I quote Øksendal (2003)
Statement. Start from a 1-dimensional Brownian motion $B_t$. Assume $B_0=0$. Then $$\displaystyle{\int_0^t}B_sdB_s=\displaystyle{\frac{1}{2}B_t^2}-\displaystyle{\frac{1}{2}t}$$
Proof. Put $\phi_n(s,\omega)=\sum B_j(\omega)\cdot\chi_{[t_j, t_{j+1}]}(s)$, where $B_j=B_{t_j}$ and $\chi$ denotes the indicator function on the subset $[t_j,t_{j+1}]$. Then:
\begin{align}\mathbb{E}\bigg[\int_0^t(\phi_n-B_s)^2ds)\bigg]&=\mathbb{E}\bigg[\sum_j\int_{t_j}^{t_{j+1}}(B_j-B_s)^2ds\bigg]\\&\color{red}{=}\sum_{j}\int_{t_j}^{t_{j+1}}(s-t_j)ds\\&=\cdots\end{align}
What I cannot understand is the $\color{red}{\text{red}}$ equality above. How can one pass from $$\mathbb{E}\bigg[\sum_j\int_{t_j}^{t_{j+1}}(B_j-B_s)^2ds\bigg]\tag{1}$$ to $$\sum_{j}\int_{t_j}^{t_{j+1}}(s-t_j)ds\tag{2}$$?

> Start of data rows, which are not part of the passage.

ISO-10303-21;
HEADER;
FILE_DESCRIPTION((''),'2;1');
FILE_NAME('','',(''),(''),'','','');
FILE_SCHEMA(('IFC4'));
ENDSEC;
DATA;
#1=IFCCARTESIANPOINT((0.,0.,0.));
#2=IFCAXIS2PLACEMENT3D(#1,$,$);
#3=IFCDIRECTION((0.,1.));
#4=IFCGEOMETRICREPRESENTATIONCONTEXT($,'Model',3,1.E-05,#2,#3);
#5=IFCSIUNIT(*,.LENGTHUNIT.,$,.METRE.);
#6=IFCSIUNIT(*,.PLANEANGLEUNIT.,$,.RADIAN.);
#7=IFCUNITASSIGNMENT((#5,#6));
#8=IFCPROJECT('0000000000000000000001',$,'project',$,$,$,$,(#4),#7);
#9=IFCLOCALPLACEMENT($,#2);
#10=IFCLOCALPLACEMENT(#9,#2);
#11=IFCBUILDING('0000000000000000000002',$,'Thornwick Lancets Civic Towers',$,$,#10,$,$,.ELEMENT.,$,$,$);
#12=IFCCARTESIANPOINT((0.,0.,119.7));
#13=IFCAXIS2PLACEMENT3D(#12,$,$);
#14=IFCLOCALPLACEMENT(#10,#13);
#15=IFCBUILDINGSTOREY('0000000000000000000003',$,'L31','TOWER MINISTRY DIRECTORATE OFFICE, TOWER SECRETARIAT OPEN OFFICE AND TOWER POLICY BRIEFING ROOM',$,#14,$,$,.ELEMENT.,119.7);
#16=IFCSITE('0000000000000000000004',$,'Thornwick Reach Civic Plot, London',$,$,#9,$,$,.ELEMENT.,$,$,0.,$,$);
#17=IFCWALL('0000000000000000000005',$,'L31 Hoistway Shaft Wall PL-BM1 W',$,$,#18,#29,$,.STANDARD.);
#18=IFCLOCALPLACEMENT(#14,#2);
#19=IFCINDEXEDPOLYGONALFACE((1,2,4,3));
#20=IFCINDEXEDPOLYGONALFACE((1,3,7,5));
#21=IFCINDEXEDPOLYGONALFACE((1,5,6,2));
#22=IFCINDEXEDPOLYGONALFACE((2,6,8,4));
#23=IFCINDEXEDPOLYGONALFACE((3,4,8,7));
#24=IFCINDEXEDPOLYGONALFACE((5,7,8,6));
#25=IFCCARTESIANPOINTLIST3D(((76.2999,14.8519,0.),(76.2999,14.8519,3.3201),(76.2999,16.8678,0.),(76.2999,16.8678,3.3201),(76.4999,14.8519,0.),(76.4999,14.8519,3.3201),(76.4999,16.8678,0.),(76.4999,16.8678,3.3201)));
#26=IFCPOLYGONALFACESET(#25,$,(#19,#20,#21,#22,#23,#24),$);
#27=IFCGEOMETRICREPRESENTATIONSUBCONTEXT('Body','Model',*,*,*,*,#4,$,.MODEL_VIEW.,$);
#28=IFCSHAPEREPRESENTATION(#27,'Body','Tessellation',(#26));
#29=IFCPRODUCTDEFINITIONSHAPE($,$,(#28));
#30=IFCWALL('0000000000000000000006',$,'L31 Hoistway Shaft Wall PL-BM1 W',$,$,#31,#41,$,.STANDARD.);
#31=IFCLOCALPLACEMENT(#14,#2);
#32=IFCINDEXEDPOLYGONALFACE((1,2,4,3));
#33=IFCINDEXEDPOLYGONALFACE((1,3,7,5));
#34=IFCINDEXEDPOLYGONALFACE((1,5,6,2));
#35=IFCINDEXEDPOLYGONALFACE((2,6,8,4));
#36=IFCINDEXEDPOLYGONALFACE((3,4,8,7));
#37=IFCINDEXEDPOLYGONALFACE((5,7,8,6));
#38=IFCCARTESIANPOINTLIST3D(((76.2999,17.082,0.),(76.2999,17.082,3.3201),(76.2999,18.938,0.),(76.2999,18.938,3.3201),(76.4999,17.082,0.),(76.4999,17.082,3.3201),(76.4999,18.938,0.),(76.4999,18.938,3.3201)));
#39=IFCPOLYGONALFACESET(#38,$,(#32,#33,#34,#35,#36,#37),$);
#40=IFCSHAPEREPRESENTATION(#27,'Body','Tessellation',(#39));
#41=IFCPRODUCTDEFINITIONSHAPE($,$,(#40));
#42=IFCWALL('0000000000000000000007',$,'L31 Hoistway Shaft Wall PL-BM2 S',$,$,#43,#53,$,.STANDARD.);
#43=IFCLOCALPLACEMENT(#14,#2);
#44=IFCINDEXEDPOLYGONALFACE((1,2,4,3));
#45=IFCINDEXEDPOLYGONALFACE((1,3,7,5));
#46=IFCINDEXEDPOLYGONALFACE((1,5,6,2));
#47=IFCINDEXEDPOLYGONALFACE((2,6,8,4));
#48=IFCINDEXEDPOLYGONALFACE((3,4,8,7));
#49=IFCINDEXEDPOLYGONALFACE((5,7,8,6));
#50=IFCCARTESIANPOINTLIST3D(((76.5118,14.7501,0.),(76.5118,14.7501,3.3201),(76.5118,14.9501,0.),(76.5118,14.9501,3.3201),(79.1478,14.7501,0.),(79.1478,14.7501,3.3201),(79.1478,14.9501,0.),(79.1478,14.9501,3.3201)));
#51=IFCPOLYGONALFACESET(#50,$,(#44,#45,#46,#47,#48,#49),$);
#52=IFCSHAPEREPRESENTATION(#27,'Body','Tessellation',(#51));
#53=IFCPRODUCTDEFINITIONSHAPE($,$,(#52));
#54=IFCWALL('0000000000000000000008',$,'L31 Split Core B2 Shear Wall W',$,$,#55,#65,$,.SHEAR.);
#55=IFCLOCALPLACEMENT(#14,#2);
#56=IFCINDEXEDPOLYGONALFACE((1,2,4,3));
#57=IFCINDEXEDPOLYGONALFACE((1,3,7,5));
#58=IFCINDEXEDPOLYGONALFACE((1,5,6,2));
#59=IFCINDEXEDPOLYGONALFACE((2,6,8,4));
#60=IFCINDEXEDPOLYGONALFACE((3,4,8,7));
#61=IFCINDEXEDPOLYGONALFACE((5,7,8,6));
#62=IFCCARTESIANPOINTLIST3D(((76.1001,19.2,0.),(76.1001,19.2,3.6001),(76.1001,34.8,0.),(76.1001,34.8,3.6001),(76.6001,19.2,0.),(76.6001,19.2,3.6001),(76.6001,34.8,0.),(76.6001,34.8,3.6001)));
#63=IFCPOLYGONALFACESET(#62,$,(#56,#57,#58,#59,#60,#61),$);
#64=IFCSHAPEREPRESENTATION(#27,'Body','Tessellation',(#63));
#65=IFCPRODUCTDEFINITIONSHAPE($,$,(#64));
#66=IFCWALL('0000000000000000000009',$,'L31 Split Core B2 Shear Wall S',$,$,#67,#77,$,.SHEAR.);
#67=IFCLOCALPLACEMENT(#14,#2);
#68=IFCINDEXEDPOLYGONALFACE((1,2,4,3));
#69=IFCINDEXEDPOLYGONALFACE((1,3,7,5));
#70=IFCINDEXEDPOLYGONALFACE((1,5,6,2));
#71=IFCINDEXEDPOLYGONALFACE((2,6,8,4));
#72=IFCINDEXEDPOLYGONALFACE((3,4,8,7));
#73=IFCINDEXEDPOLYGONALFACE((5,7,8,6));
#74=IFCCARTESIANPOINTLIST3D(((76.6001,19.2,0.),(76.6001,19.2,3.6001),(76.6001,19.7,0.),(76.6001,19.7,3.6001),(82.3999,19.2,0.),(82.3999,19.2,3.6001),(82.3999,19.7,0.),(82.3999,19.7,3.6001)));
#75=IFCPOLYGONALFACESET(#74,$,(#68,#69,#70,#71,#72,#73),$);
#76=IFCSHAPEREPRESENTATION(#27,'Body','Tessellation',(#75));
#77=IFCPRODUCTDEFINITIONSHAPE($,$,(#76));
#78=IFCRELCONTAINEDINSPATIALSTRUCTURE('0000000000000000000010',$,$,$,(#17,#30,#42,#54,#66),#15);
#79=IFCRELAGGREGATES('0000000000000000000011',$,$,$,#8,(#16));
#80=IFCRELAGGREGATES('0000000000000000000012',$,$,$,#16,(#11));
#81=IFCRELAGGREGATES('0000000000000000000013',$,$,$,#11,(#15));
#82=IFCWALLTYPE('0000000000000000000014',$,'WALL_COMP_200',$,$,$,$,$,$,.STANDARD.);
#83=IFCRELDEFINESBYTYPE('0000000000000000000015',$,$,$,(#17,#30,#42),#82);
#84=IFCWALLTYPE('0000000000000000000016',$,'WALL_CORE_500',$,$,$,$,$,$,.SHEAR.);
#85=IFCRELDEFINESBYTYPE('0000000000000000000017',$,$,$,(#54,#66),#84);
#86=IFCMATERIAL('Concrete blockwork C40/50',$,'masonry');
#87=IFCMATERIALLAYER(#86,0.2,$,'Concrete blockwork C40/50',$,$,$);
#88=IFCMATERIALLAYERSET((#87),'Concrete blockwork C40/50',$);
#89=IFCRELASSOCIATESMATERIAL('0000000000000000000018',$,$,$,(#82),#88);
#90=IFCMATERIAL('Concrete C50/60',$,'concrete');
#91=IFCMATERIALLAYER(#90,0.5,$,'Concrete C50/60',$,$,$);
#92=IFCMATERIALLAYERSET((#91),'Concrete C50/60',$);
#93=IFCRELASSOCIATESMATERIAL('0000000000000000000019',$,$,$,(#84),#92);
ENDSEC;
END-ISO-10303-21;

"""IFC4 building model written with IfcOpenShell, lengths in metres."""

from ifc_helpers import new_model, si_unit, direction, frame, frame_2d, origin, place, context, subcontext, project, spatial, rectangle, extrude, material, layer, layer_set, type_object, element, save


model = new_model("IFC4")

# Units and contexts
model_context = context("Model", 3, precision=1e-05, world=origin(), true_north=direction((0.0, 1.0)))
body_context = subcontext(model_context, "Body", "Model", "MODEL_VIEW")
ifc_project = project(units=[si_unit("LENGTHUNIT", "METRE"), si_unit("PLANEANGLEUNIT", "RADIAN")], contexts=[model_context])

# Site, building, storey
site_placement = place(None, origin())
site = spatial("IfcSite", under=ifc_project, at=site_placement, Name="Thornwick Reach Civic Plot, London", CompositionType="ELEMENT", RefElevation=0.0)
building_placement = place(site_placement, origin())
building = spatial("IfcBuilding", under=site, at=building_placement, Name="Thornwick Lancets Civic Towers", CompositionType="ELEMENT")
storey_placement = place(building_placement, frame((0.0, 0.0, 119.7)))
storey = spatial("IfcBuildingStorey", under=building, at=storey_placement, Name="L31", Description="TOWER MINISTRY DIRECTORATE OFFICE, TOWER SECRETARIAT OPEN OFFICE AND TOWER POLICY BRIEFING ROOM", CompositionType="ELEMENT", Elevation=119.7)

# Walls
ifc_material_1 = material(Name="Concrete blockwork C40/50", Category="masonry")
ifc_layer_1 = layer(ifc_material_1, 0.2, Name="Concrete blockwork C40/50")
ifc_layer_set_1 = layer_set([ifc_layer_1], Name="Concrete blockwork C40/50")
wall_type_1 = type_object("IfcWallType", Name="WALL_COMP_200", PredefinedType="STANDARD", material=ifc_layer_set_1)
wall_1_placement = place(storey_placement, frame((76.3999, 14.8521, 0.0), z_axis=(0.0, 0.0, 1.0), x_axis=(0.0, 1.0, 0.0)))
element("IfcWall", 1, at=wall_1_placement, inside=storey, type_object=wall_type_1, Name="L31 Hoistway Shaft Wall PL-BM1 W", PredefinedType="STANDARD", context=body_context, shape_type="SweptSolid", body=[
    extrude(rectangle(XDim=2.0159, YDim=0.2, at=frame_2d((1.0078, 0.0))), origin(), (0.0, 0.0, 1.0), 3.3201),
])
wall_2_placement = place(storey_placement, frame((76.3999, 17.082, 0.0), z_axis=(0.0, 0.0, 1.0), x_axis=(0.0, 1.0, 0.0)))
element("IfcWall", 2, at=wall_2_placement, inside=storey, type_object=wall_type_1, Name="L31 Hoistway Shaft Wall PL-BM1 W", PredefinedType="STANDARD", context=body_context, shape_type="SweptSolid", body=[
    extrude(rectangle(XDim=1.856, YDim=0.2, at=frame_2d((0.928, 0.0))), origin(), (0.0, 0.0, 1.0), 3.3201),
])
wall_3_placement = place(storey_placement, frame((76.512, 14.8501, 0.0), z_axis=(0.0, 0.0, 1.0), x_axis=(1.0, 0.0, 0.0)))
element("IfcWall", 3, at=wall_3_placement, inside=storey, type_object=wall_type_1, Name="L31 Hoistway Shaft Wall PL-BM2 S", PredefinedType="STANDARD", context=body_context, shape_type="SweptSolid", body=[
    extrude(rectangle(XDim=2.636, YDim=0.2, at=frame_2d((1.3179, 0.0))), origin(), (0.0, 0.0, 1.0), 3.3201),
])
ifc_material_2 = material(Name="Concrete C50/60", Category="concrete")
ifc_layer_2 = layer(ifc_material_2, 0.5, Name="Concrete C50/60")
ifc_layer_set_2 = layer_set([ifc_layer_2], Name="Concrete C50/60")
wall_type_2 = type_object("IfcWallType", Name="WALL_CORE_500", PredefinedType="SHEAR", material=ifc_layer_set_2)
wall_4_placement = place(storey_placement, frame((76.3501, 19.2, 0.0), z_axis=(0.0, 0.0, 1.0), x_axis=(0.0, 1.0, 0.0)))
element("IfcWall", 4, at=wall_4_placement, inside=storey, type_object=wall_type_2, Name="L31 Split Core B2 Shear Wall W", PredefinedType="SHEAR", context=body_context, shape_type="SweptSolid", body=[
    extrude(rectangle(XDim=15.6001, YDim=0.5, at=frame_2d((7.8, 0.0))), origin(), (0.0, 0.0, 1.0), 3.6001),
])
wall_5_placement = place(storey_placement, frame((76.6001, 19.45, 0.0), z_axis=(0.0, 0.0, 1.0), x_axis=(1.0, 0.0, 0.0)))
element("IfcWall", 5, at=wall_5_placement, inside=storey, type_object=wall_type_2, Name="L31 Split Core B2 Shear Wall S", PredefinedType="SHEAR", context=body_context, shape_type="SweptSolid", body=[
    extrude(rectangle(XDim=5.7998, YDim=0.5, at=frame_2d((2.8999, 0.0))), origin(), (0.0, 0.0, 1.0), 3.6001),
])

save(model, "model.ifc")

Possibly, which is the role of the outer expected value $\mathbb{E}$ (with respect to a probability measure $\mathbb{P}$, I guess) in this passage from $(1)$ to $(2)$?
Best Answer
Since for $s>t$, $\mathsf{E}(B_s-B_t)^2=\mathsf{E}B_{s-t}^2=s-t$, $$ \mathsf{E}\left[\sum_{j}\int_{t_j}^{t_{j+1}}(B_s-B_j)^2\,ds\right]=\sum_{j}\int_{t_j}^{t_{j+1}}\mathsf{E}(B_s-B_j)^2\,ds=\sum_{j}\int_{t_j}^{t_{j+1}}(s-t_j)\,ds. $$